Orthofix, Inc., a Texas based company, has received the Frost & Sullivan’s 2005 Product Leadership of the Year Award in the field of spinal stimulation treatment. “The award is presented recognizing the company’s efforts to develop a fist-ever FDA approved bone growth stimulator, Cervical-Stim®,” reported Frost & Sullivan.
From the product FAQ page:
What is Cervical Stim?
Cervical-Stim® is a new, non-invasive, pulsed electromagnetic bone growth stimulator indicated for adjunctive use to increase the frequency of cervical fusion success by six months in high-risk (i.e., multilevel fusion, smoking, allograft) patients.
Is this the same device that was used off-label?
Cervical Stim is a brand new, FDA-approved device and has never been used off-label.
Which patients are considered high-risk?
The Cervical Stim was clinically studied in high-risk subjects who had undergone cervical fusion with allograft for degenerative conditions and were smokers (one pack per day or more), multilevel fusion or both. Other conditions that may put a patient at high risk for a failed fusion are diabetes, obesity, osteoporosis, chronic oral steroid use, and any metabolic bone disease. A high-risk patient may have difficulty with bone healing due to any of these risk factors.
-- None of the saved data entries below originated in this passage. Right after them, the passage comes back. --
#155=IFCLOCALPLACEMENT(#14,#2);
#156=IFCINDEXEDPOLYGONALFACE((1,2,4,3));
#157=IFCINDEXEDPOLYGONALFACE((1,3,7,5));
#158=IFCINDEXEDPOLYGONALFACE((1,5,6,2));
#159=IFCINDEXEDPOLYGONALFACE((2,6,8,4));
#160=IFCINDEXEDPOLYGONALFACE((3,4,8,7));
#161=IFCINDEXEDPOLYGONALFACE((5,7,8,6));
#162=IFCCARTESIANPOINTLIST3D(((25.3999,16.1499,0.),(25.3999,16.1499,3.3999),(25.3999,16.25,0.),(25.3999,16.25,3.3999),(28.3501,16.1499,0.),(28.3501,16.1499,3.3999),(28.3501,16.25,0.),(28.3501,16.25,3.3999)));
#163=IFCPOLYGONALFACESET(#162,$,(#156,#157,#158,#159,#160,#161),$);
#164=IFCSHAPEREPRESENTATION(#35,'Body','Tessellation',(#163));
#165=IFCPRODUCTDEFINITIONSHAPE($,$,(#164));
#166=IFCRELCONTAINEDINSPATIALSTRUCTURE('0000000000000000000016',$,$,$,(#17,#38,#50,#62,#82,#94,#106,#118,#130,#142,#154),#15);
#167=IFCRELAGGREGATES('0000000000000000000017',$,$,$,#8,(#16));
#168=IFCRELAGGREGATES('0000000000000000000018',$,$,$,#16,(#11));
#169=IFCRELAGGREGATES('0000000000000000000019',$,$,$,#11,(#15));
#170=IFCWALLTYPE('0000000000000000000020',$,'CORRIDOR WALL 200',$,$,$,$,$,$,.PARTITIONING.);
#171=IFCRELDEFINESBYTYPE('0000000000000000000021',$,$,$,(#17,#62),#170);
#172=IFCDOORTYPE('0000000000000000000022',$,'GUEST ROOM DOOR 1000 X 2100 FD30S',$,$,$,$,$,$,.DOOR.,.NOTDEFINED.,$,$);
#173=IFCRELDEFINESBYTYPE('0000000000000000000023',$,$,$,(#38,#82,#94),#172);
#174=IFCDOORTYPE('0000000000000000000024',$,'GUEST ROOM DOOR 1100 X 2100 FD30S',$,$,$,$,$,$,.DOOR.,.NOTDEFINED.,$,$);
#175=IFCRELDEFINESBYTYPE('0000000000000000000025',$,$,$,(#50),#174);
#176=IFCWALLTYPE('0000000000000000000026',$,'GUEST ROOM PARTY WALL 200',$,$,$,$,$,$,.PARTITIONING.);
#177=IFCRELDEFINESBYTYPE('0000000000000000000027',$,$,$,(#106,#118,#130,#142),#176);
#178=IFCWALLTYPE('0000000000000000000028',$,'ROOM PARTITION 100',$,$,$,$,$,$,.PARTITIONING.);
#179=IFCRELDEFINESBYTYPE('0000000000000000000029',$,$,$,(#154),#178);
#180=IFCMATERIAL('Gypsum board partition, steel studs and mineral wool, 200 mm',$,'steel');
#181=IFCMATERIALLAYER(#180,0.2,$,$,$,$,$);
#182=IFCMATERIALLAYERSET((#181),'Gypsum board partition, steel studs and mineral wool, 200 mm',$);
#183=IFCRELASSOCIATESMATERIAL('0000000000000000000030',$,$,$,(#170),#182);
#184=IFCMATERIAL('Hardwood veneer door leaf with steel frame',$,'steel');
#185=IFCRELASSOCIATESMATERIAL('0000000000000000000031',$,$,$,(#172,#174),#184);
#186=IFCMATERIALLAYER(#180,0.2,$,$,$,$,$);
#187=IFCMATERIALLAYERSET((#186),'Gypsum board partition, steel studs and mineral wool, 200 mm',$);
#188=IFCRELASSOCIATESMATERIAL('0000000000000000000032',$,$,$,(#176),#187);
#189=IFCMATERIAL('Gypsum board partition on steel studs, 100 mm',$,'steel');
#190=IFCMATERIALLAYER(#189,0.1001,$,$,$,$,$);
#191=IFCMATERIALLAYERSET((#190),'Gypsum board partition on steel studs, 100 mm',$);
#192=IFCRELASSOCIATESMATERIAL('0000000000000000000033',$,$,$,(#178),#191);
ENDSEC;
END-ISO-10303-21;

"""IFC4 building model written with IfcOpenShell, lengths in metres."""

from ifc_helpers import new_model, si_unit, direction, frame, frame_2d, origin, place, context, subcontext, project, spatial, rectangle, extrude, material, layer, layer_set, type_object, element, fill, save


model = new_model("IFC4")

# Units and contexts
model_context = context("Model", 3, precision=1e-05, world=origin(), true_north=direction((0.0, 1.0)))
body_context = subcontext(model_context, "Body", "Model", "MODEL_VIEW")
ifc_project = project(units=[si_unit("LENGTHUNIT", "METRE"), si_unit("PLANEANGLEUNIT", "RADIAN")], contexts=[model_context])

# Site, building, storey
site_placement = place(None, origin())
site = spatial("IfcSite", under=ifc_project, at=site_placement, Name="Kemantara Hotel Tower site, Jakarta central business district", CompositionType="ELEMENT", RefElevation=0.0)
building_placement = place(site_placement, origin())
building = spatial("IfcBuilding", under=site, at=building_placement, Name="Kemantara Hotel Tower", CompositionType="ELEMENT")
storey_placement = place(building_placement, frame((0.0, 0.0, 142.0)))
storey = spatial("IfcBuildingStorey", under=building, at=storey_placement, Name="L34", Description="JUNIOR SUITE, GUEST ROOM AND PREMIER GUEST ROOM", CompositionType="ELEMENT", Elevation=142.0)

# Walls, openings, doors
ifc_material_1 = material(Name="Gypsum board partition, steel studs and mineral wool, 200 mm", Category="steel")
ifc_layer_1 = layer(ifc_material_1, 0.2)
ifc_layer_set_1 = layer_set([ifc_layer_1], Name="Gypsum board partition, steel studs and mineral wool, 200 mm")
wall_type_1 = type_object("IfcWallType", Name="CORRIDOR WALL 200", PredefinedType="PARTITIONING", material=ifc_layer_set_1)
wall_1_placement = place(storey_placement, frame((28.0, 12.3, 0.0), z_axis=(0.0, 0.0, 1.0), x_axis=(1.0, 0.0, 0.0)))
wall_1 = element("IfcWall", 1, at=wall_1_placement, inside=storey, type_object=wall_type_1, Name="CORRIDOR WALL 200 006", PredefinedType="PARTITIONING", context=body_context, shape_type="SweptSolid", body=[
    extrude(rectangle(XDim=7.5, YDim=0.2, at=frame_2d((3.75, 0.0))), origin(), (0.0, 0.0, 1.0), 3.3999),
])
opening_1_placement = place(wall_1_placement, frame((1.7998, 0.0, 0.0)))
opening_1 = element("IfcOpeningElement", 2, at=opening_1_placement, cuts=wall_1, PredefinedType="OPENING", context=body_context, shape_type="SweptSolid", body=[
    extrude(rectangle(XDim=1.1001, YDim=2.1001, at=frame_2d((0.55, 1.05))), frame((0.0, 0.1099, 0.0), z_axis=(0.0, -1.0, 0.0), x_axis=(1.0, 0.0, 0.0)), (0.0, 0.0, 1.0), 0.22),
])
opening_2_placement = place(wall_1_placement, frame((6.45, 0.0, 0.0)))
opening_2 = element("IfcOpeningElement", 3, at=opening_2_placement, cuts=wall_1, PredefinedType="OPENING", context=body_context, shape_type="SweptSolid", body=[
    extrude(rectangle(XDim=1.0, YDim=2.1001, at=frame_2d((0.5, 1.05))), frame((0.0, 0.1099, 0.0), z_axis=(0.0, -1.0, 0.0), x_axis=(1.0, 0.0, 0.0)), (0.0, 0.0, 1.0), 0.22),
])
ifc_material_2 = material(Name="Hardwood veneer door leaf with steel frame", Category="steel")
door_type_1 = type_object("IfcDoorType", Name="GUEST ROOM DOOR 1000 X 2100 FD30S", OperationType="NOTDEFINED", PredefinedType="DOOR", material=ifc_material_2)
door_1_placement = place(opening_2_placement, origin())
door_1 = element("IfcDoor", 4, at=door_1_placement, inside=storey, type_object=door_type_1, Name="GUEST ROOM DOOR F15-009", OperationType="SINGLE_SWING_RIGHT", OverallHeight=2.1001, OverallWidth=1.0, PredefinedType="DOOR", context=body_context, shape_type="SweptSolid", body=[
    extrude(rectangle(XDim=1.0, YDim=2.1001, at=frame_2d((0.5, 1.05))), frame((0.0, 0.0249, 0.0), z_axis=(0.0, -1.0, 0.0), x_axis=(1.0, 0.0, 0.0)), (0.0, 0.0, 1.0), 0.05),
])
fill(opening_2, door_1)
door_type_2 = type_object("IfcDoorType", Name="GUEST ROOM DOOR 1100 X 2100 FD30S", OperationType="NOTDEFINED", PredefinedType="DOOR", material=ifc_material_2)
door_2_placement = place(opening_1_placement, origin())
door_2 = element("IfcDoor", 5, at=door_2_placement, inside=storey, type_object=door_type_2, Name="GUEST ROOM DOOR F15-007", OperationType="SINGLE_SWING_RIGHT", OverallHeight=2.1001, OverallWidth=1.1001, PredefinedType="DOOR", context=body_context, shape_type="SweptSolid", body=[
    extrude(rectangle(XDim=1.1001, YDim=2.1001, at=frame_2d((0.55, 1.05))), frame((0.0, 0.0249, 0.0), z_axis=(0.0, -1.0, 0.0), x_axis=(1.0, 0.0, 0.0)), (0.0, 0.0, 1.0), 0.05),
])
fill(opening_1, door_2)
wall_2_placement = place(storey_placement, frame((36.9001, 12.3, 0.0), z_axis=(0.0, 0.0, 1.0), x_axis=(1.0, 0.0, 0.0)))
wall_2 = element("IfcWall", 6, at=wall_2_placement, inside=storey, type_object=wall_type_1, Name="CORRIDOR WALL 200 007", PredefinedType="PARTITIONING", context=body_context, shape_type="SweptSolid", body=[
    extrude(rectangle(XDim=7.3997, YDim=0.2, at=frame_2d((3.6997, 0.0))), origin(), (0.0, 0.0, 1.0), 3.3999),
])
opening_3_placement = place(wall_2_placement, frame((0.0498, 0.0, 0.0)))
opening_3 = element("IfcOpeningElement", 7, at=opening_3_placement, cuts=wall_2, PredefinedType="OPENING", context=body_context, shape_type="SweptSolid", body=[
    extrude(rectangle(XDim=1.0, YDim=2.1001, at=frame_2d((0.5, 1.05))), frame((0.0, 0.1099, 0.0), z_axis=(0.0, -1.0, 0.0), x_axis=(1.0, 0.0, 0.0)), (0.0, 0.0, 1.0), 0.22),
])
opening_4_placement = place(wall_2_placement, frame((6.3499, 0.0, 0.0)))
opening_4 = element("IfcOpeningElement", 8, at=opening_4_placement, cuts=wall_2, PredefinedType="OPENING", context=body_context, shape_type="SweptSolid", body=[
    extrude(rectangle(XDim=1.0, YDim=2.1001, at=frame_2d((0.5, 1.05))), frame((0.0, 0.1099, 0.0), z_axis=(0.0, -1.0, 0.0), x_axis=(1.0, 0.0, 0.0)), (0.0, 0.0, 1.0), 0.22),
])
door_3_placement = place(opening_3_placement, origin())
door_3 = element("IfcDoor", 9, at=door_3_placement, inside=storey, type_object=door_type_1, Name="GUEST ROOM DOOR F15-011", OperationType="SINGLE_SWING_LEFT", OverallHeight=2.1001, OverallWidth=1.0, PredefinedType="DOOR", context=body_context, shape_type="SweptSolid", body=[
How does Cervical Stim work?
Cervical Stim Cervical Fusion System is an external, low-level PEMF (Pulsed ElectroMagnetic Field) treatment device which helps activate and augment the body’s natural bone healing process after fusion surgery.
The device contains a microprocessor (computer chip) that generates the therapeutic treatment signal. The Cervical Stim is battery-powered and has an integrated control unit and treatment transducer combined in a single piece device, which allows the patient ambulatory treatment. The system is placed on the neck and may be worn with or without a brace.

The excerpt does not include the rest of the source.